흰쥐에서 부분적 실절제로 유발된 단백뇨와 진행성 신병변에 대한 Thromboxane A₂-수용체 길항제 KT2-962의 효과 = Effects of the thromboxane A₂receptor antagonist KT2-962 on the proteinuria and progressive renal failure resulting from subtotal nephrectomy in rats.
Animal experiments implicate renal synthesis of the vasodilator prostacyclin and the vasoconstrictor thromboxane(TX) A₂in renal damage and show that renal TXA₂mediates the glomerular permeability to protein associated with immunological or toxic damage to the glomerulus and synthesized significantly more TXA₂than normal rats. A specific pharmacologic approach, designed to prevent such pathologic sequelae, is to antagonize selectively the thrombotic and vasospastic activities of TXA₂using a specific TXA₂antagonist.
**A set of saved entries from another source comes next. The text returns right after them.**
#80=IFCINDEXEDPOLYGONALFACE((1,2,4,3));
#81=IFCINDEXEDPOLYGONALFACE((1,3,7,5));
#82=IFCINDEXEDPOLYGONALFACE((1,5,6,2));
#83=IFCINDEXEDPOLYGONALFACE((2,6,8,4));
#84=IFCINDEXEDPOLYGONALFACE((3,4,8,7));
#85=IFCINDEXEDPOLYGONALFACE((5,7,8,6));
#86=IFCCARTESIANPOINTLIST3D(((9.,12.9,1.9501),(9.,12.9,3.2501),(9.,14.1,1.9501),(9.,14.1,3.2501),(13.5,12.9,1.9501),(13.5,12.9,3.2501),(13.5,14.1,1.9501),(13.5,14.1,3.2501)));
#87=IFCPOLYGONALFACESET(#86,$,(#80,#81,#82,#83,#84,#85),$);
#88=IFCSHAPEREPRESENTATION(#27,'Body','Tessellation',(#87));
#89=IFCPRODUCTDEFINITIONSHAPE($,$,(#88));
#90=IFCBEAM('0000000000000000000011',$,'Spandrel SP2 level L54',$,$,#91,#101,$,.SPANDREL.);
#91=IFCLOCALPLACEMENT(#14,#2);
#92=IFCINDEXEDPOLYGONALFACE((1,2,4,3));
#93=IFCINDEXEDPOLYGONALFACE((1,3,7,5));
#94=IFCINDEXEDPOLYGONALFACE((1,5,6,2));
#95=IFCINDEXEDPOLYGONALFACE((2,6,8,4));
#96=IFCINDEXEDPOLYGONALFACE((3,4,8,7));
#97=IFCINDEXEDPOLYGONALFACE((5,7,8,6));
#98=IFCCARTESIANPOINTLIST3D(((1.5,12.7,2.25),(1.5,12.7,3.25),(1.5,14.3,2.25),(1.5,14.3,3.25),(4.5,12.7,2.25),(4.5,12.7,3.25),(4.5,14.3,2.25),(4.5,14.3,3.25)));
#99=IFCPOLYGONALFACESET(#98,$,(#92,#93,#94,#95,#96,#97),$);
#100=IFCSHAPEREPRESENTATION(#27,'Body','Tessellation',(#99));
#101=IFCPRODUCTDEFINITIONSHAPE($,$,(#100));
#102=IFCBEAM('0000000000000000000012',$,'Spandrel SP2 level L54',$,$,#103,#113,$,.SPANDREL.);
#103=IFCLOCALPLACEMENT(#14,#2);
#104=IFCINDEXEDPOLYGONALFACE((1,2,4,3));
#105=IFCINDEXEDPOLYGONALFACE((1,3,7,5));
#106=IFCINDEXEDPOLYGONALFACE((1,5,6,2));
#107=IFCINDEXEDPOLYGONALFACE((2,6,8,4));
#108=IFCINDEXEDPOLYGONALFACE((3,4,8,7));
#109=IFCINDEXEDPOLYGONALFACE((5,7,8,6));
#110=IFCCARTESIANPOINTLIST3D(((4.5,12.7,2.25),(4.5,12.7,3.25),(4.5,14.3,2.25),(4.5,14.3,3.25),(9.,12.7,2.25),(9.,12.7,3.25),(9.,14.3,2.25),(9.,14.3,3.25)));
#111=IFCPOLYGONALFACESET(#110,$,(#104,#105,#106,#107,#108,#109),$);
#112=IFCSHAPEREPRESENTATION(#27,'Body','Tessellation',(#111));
The aims of the present study were to assess the effect of KT2-962, a recently developed specific TXA₂receptor antagonist derived from azulene derivatives, on pathologic sequelae following subtotal(3/4) nephrectomy and body weight, 24hrurine output, 24hr-urine protein excretion at 4 days interval, and blood urea nitrogen(BUN) and serum creatinine levels just prior to surgery and at the end of experiment were measured. Rats were killed at the end of experimental period, 40 days after nephrectomy and histological changes were evaluated by electron microscope. 20 rats were divided into a control (non treated) and a KT2-962 treated groups. The effect of KT2-962 was observed by daily oral administration at 30 mg/kg in saline solution from 5 days before to 40 days after the subtotal nephrectomy.
The results obtained can be summarized as follows:
1)Body weight were decreased gradually to 88.2% of initial on 12 days after nephrectomy, and thereafter tended to increase progressively, but it was still less than prior to nephrectomy, 96.5%, for nontreated group. In KT2-962 treated group, lesser decrement in body weight was continued until 16 days after nephrectomy and thereafter gradually increased to near or even higher than weight at preoperative period after 38 days of nephrectomy.
2)24hr-urine output followed immediately after subtotal nephrectomy andconsistantly continued during experimental period for controls, However, urine output were increased slightly during experimental period for KT2-962 treated group.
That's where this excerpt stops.